News

Global Lawmakers Adopt Resolution to Support Maternal and Child Health

UNFPA Executive Director Dr. Babatunde Osotimehin and Mr. Anders B. Johnsson, Secretary General of the IPU meet in Kampala.
  • 05 April 2012

KAMPALA -- The Inter-Parliamentary Union, the world’s largest body of lawmakers, has approved a resolution to secure access to health, as a basic human right, for women and children.

The resolution calls on parliaments to take all possible measures to achieve Millennium Development Goals 4 and 5 by 2015. MDG 4 aims to reduce child deaths around the world by two thirds by 2015, while MDG 5 aims to reduce maternal deaths and widen access to reproductive health. This is the first time that the world’s parliaments, acting through the IPU, have passed a resolution on these issues.

The resolution was approved in an assembly that included a strong focus on the importance of investing in health. Earlier in the week, UNFPA Executive Director Babatunde Osotimehin delivered a keynote address arguing for reducing inequity by investing in women, children and young people, and keeping their needs high on the development agenda. UNICEF Executive Director Anthony Lake spoke about the importance of child nutrition. And a statement by UN Secretary-General Ban Ki-moon underscored the importance of his Every Mother, Every Child initiative.

The resolution also followed extensive dialogue by UNFPA, the Partnership for Newborn, Maternal and Child Health and others with members of the IPU and its committee on democracy and human rights.
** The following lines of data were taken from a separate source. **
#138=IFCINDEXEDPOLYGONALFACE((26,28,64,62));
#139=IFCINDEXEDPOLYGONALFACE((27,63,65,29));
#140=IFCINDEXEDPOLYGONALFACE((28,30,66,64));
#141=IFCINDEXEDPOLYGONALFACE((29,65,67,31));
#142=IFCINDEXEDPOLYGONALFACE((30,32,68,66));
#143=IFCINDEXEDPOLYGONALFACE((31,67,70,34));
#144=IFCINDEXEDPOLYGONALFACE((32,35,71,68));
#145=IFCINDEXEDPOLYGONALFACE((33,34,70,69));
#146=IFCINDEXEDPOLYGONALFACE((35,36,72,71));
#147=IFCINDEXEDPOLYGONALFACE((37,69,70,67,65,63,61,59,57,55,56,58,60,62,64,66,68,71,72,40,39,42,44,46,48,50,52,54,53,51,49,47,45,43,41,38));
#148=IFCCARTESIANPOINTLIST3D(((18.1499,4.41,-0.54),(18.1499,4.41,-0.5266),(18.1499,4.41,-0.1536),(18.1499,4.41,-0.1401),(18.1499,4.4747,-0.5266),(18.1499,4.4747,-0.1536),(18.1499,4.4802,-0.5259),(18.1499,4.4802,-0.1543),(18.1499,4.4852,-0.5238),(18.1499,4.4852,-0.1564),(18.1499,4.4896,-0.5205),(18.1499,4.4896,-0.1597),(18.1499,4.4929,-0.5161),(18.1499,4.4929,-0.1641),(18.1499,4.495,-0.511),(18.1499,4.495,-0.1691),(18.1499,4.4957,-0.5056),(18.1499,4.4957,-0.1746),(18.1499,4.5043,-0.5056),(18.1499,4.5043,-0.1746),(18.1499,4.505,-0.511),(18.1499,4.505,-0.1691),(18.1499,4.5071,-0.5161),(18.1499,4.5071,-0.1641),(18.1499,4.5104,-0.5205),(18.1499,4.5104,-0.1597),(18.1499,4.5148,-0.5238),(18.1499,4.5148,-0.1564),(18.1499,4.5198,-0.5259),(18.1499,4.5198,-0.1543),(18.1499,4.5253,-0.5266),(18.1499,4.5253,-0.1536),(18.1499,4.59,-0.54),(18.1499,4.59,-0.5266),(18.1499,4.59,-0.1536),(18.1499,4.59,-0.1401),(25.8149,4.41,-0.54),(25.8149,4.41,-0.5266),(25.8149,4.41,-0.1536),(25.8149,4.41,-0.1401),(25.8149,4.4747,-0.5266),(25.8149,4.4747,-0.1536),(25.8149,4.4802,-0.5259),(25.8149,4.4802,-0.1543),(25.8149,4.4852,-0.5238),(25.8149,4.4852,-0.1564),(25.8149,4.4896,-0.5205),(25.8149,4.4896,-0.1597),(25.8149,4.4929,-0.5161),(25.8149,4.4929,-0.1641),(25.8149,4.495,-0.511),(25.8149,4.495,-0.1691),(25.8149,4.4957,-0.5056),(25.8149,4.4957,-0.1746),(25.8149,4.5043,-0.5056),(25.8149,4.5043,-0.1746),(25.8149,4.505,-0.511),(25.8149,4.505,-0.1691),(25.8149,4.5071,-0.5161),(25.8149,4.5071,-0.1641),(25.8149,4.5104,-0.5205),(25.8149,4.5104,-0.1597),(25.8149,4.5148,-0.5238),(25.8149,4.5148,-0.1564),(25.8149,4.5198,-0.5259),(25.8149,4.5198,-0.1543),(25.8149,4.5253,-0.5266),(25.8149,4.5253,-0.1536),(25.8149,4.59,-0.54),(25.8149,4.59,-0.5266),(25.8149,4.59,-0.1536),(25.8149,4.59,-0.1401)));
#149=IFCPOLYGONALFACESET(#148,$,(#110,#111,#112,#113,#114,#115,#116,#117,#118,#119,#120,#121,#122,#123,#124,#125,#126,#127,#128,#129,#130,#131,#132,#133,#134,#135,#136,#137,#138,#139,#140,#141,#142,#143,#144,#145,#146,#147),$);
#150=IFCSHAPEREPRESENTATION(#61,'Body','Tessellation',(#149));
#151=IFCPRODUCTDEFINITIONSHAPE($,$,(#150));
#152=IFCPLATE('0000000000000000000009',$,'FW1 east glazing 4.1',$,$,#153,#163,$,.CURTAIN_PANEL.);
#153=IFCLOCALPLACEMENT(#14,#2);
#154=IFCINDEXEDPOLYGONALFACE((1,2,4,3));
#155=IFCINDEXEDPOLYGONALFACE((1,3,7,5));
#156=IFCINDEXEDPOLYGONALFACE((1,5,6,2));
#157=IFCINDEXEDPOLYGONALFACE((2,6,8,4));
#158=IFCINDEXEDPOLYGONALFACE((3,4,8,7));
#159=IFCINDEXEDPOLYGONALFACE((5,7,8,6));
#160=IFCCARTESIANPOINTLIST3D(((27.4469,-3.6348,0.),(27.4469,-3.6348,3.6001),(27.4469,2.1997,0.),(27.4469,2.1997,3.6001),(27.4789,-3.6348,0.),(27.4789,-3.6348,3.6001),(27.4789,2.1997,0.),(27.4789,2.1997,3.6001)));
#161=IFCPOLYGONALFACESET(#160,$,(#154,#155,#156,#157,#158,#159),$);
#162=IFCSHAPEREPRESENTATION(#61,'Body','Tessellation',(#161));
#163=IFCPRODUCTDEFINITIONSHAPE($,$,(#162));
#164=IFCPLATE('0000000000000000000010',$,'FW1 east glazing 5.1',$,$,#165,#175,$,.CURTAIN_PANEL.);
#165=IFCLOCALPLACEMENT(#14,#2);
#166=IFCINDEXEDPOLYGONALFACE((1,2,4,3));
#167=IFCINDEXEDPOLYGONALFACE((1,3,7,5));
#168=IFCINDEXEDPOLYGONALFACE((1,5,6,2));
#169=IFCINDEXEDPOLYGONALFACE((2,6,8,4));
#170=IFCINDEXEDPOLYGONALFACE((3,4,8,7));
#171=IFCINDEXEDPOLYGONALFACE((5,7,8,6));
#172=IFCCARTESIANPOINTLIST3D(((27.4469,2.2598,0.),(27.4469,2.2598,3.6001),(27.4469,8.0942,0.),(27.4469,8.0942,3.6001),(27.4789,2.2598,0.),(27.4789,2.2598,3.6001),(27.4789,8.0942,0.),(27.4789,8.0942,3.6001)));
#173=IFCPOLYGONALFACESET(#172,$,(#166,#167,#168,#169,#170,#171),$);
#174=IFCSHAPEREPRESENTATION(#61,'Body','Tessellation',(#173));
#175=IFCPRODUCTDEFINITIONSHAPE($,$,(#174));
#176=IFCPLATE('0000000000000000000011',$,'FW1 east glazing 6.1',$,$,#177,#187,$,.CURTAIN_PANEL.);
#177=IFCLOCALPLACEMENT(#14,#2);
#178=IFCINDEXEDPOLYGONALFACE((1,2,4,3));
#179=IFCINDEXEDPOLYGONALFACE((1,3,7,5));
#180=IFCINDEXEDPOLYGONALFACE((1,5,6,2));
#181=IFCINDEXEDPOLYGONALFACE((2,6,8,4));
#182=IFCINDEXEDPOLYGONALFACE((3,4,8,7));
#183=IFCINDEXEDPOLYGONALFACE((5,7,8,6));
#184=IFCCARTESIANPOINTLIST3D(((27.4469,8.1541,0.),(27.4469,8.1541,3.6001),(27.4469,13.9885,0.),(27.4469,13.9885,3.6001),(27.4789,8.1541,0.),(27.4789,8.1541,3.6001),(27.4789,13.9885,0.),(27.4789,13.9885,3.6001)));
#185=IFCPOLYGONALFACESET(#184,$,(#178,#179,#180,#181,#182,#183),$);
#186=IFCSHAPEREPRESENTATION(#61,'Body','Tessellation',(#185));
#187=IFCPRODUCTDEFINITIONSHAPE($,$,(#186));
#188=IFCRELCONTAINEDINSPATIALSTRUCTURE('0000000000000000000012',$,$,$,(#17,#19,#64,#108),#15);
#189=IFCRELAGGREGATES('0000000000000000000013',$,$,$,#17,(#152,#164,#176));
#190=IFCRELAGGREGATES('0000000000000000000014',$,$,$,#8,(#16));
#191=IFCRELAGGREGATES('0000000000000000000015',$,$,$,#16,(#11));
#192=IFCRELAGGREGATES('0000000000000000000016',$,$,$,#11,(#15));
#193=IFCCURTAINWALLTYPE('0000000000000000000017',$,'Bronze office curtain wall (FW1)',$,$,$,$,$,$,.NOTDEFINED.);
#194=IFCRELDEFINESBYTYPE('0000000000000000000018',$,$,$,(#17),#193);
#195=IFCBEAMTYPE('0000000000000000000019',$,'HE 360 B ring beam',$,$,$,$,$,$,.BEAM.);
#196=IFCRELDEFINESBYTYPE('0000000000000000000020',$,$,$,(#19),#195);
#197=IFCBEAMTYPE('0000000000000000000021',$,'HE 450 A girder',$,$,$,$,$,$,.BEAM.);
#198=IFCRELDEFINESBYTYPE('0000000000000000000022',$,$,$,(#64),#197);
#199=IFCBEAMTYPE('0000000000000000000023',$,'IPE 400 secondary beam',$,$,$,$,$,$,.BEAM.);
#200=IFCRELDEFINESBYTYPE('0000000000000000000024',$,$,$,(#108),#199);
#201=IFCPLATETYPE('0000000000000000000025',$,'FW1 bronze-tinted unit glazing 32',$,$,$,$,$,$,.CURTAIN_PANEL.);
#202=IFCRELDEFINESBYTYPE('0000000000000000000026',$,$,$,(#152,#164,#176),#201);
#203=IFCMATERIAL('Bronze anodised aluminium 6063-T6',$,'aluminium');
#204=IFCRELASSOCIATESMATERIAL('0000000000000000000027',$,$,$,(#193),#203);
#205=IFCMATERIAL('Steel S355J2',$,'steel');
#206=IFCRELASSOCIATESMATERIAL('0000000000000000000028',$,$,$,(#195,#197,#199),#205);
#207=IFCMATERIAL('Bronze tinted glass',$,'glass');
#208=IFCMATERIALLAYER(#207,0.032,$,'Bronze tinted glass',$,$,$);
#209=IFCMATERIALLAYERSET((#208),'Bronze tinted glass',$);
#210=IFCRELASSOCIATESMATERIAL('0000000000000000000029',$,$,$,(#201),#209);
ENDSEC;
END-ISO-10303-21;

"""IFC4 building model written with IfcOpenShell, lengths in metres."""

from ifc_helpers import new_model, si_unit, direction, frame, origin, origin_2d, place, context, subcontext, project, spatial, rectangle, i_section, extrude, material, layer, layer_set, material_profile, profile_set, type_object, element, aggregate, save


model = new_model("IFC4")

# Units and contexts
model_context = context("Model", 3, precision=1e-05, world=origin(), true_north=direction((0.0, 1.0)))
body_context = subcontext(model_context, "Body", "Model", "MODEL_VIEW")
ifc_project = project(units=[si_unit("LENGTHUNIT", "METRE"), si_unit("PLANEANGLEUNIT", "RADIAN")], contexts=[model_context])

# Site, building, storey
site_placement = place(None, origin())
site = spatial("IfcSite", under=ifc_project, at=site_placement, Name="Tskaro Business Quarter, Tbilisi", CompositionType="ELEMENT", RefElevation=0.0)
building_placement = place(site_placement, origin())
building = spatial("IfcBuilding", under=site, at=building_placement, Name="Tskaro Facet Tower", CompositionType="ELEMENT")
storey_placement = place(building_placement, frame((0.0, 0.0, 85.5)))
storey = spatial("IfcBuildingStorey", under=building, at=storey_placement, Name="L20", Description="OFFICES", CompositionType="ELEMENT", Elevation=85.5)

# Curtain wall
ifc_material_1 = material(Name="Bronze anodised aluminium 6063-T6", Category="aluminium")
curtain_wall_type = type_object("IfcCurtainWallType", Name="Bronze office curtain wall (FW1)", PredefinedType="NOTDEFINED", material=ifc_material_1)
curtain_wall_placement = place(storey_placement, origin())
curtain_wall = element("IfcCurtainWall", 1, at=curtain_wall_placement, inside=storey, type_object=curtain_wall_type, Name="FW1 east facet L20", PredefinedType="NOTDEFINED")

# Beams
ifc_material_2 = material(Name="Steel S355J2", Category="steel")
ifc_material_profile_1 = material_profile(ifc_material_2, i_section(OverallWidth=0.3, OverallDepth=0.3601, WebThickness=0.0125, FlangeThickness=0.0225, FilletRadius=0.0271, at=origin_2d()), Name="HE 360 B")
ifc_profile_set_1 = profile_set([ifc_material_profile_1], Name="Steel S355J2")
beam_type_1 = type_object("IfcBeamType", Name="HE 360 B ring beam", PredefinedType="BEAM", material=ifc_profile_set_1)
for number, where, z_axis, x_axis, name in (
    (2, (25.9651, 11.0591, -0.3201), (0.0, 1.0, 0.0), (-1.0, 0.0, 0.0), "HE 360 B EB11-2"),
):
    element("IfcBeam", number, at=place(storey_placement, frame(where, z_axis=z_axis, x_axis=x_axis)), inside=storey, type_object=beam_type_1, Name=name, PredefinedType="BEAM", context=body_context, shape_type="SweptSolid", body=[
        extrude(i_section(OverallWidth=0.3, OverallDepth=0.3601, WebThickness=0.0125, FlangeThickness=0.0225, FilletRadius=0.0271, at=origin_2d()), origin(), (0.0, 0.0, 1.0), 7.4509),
"Global progress relies to a large extent on parliaments and parliamentarians," said Dr. Osotimehin. "They have a crucial role to play in ensuring people-centred policies supported by national budgets. I am very pleased that the IPU, with this new resolution, has shown its commitment to investing in the health and rights of women, children and young people."

Dr. Osotimehin expressed his desire to further strengthen the collaboration and underlined the positive impact that parliamentarians can have not only for accelerating action on achievement of MDGs, but also in terms of awareness raising, oversight and monitoring.

Such partnerships are crucial, he noted, for UNFPA’s work in delivering a world where every pregnancy is wanted, every childbirth is safe and every young person’s potential is fulfilled.